メタ認知療法のカウンセリングによって、「心配は役に立たない」や「心配はコントロールできる」という新しい心配に対する信念が作られても、長年親しんできた心配癖は、意識をしないとついつい巻き込まれてしまいます。

メタ認知療法では、心配している自分に素早く気づき、それらの状態を観察する態度で距離をおける状態「ディタッチト・マインドフルネス(detached mindfulness)」になれるようにトレーニングを行います。その代表的なトレーニングは注意訓練(Attention Training)と呼ばれ、日常生活音への聴覚的注意を鍛える方法です。注意訓練を行うことで、心配している自分に素早く気づき、今集中すべきものに注意を意図的に向けられる「マインドフルネス」の状態になることができます。「マインドフルネス」と「ディタッチト・マインドフルネス」の違いについては、後ほど記事にしたいと思います。注意訓練は以下の記事で読んでいただけます。

【今日のポイント】

メタ心配性を改善するためには、心配に対する信念(メタ認知的信念)と心配に巻き込まれないようにする集中力(注意機能)が鍵となる!
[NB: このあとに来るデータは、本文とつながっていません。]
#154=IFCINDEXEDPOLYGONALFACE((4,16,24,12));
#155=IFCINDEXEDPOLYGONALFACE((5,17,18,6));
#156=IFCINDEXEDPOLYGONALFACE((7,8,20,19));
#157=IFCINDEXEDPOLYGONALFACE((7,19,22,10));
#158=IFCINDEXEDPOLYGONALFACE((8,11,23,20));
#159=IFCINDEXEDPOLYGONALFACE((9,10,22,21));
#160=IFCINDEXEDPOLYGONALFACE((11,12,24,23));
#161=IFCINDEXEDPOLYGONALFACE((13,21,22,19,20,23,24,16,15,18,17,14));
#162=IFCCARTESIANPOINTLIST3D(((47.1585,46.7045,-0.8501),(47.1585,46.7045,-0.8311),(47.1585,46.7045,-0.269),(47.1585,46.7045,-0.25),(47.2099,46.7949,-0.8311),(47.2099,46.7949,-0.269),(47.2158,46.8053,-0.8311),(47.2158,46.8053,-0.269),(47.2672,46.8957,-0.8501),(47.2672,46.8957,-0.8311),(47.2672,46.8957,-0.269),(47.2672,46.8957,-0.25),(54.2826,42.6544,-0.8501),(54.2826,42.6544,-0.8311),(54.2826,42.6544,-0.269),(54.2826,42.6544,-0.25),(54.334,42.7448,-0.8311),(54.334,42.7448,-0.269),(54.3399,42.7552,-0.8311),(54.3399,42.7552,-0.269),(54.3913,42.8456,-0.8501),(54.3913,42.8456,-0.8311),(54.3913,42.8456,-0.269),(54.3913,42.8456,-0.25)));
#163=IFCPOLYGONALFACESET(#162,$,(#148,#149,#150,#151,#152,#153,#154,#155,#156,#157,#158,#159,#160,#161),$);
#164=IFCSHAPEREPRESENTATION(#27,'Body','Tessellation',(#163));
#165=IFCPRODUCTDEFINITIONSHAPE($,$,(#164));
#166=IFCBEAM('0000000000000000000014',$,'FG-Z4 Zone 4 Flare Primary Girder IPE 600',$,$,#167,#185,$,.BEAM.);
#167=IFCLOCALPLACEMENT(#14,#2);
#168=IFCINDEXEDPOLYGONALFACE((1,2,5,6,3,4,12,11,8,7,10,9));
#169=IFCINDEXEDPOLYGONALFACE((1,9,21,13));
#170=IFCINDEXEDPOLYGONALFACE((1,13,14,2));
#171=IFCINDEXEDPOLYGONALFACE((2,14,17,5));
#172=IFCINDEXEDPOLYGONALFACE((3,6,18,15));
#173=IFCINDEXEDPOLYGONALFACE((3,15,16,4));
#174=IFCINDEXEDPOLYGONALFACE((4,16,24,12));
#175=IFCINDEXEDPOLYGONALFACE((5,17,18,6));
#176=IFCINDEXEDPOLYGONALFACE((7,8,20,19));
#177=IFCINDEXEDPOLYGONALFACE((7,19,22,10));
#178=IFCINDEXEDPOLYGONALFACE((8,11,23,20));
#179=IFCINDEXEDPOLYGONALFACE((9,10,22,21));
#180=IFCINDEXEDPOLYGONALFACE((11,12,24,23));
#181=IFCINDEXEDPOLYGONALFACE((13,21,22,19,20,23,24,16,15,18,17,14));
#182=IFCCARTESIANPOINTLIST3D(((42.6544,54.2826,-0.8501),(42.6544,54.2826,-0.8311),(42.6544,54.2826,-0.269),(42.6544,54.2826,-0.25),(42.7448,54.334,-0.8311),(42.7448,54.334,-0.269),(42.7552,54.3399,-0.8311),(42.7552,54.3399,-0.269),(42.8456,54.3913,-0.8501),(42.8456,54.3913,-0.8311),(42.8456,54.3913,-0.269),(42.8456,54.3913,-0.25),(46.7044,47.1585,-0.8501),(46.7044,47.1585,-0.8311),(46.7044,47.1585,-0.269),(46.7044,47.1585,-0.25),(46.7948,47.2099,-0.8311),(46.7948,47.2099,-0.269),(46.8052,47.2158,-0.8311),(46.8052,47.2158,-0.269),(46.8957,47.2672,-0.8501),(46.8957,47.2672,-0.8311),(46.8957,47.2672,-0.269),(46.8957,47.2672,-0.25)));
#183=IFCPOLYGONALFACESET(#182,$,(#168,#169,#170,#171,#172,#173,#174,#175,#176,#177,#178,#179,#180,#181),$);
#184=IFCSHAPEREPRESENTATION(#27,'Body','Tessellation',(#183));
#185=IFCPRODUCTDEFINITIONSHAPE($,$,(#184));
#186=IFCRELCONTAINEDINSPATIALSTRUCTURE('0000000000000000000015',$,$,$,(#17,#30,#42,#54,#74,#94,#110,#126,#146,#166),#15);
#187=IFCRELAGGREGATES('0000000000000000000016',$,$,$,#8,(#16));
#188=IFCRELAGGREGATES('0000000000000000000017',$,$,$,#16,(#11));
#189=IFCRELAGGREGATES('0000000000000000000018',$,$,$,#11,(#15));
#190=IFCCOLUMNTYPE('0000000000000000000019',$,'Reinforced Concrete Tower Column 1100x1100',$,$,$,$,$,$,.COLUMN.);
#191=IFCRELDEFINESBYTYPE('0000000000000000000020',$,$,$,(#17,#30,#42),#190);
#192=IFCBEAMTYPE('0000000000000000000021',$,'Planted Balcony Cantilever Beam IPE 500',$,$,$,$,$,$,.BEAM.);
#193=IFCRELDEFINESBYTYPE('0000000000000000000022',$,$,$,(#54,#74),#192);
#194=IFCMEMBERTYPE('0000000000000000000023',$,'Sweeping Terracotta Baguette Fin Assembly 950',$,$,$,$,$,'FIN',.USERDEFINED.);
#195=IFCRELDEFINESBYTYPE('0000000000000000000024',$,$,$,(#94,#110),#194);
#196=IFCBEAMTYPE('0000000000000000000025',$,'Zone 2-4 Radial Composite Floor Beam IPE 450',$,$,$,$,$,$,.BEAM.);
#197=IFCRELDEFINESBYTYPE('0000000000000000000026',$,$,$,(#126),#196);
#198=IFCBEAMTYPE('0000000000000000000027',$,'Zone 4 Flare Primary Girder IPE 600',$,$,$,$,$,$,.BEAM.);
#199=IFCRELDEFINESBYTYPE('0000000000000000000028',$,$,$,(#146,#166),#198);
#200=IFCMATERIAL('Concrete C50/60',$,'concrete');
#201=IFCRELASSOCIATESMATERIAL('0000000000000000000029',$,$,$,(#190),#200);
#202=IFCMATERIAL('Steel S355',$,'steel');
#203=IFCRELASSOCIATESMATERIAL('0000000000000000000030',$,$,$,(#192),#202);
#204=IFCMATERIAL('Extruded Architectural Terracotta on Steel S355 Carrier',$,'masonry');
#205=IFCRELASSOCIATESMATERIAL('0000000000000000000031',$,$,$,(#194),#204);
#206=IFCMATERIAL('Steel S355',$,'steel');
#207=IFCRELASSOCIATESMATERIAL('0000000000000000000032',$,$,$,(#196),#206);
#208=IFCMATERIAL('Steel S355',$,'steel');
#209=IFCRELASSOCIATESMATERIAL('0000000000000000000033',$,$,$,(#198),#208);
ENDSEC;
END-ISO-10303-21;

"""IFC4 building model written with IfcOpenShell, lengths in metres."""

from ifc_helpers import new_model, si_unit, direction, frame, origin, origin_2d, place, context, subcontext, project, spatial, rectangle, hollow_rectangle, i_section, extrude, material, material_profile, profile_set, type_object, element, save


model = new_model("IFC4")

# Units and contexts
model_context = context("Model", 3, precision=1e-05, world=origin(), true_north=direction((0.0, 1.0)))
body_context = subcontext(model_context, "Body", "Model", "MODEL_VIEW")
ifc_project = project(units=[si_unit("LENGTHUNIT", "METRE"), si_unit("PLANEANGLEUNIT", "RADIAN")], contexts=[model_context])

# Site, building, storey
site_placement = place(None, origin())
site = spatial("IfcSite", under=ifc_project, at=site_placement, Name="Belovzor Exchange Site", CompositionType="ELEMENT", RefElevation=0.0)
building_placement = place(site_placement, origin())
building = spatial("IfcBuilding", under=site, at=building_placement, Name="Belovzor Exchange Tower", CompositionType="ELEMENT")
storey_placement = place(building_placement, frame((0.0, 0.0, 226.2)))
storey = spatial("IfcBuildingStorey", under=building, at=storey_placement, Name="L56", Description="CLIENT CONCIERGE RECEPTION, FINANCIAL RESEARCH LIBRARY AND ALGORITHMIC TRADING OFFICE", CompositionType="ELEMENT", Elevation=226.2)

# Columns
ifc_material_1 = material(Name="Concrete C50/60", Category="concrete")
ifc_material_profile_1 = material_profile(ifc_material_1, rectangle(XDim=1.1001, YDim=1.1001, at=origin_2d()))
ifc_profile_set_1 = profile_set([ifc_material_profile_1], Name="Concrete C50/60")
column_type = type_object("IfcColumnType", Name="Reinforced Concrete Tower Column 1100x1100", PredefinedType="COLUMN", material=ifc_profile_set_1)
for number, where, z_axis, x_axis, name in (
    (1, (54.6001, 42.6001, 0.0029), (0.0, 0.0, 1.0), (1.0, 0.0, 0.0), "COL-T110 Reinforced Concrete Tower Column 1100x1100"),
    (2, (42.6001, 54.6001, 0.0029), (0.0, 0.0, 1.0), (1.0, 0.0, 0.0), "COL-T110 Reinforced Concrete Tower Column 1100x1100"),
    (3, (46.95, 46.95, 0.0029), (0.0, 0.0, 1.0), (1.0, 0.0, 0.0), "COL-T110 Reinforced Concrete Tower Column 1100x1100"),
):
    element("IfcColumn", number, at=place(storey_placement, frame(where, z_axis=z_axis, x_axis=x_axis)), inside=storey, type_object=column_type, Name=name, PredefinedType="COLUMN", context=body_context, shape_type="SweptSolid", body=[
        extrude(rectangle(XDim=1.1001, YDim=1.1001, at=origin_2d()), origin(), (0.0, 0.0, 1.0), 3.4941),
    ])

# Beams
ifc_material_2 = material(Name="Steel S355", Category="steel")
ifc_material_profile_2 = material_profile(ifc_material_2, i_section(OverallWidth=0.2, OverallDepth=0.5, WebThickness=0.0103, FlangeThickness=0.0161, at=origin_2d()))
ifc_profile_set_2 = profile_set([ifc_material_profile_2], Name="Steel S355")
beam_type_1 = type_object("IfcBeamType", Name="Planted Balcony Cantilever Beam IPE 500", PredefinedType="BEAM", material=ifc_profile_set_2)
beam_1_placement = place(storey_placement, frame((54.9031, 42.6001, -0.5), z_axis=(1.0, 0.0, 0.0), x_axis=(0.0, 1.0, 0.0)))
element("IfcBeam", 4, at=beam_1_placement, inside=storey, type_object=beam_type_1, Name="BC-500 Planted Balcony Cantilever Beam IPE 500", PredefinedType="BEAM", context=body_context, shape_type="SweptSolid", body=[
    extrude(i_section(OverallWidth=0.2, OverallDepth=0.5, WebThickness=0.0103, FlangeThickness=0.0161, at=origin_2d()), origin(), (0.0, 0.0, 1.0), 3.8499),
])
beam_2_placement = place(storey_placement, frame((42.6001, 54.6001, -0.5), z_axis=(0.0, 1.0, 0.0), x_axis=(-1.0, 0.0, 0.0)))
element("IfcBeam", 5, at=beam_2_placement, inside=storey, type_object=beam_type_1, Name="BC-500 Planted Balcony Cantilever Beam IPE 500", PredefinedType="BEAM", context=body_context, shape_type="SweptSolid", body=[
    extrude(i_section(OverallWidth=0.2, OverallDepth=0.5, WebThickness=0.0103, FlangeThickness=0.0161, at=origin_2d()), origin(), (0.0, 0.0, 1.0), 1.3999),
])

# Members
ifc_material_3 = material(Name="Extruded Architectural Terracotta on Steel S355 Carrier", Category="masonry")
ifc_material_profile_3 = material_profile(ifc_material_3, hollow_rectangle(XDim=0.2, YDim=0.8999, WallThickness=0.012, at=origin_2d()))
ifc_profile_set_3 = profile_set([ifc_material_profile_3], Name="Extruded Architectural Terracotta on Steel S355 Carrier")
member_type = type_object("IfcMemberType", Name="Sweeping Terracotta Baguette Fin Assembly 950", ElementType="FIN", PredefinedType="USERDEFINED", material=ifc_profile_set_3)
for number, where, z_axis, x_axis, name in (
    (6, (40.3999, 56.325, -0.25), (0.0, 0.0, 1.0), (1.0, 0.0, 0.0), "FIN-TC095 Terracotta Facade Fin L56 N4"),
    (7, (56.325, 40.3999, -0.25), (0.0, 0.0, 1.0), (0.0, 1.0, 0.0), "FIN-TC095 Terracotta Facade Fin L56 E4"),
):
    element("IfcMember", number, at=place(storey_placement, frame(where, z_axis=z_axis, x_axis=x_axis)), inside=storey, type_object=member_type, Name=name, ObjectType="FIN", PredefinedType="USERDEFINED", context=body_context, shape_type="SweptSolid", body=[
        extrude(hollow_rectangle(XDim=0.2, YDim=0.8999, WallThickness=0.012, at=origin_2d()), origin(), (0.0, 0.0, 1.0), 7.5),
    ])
誰もが不安な時には心配をします。心配そのものは問題解決の営みという側面も確かにありますが、「心配することが心配だ」と思ったら、それはメタ心配です。そんな時は、心配は役に立たないということと、心配はコントロールできるということを思い出してください。

このメタ認知療法に出会って心配性が改善された一人として、メタ認知療法を自信をもってお勧めします!


心理学の知識を楽しくご紹介できるように、コツコツと記事を積み上げられるように継続的にしていきたいと思います。よろしくお願いいたします。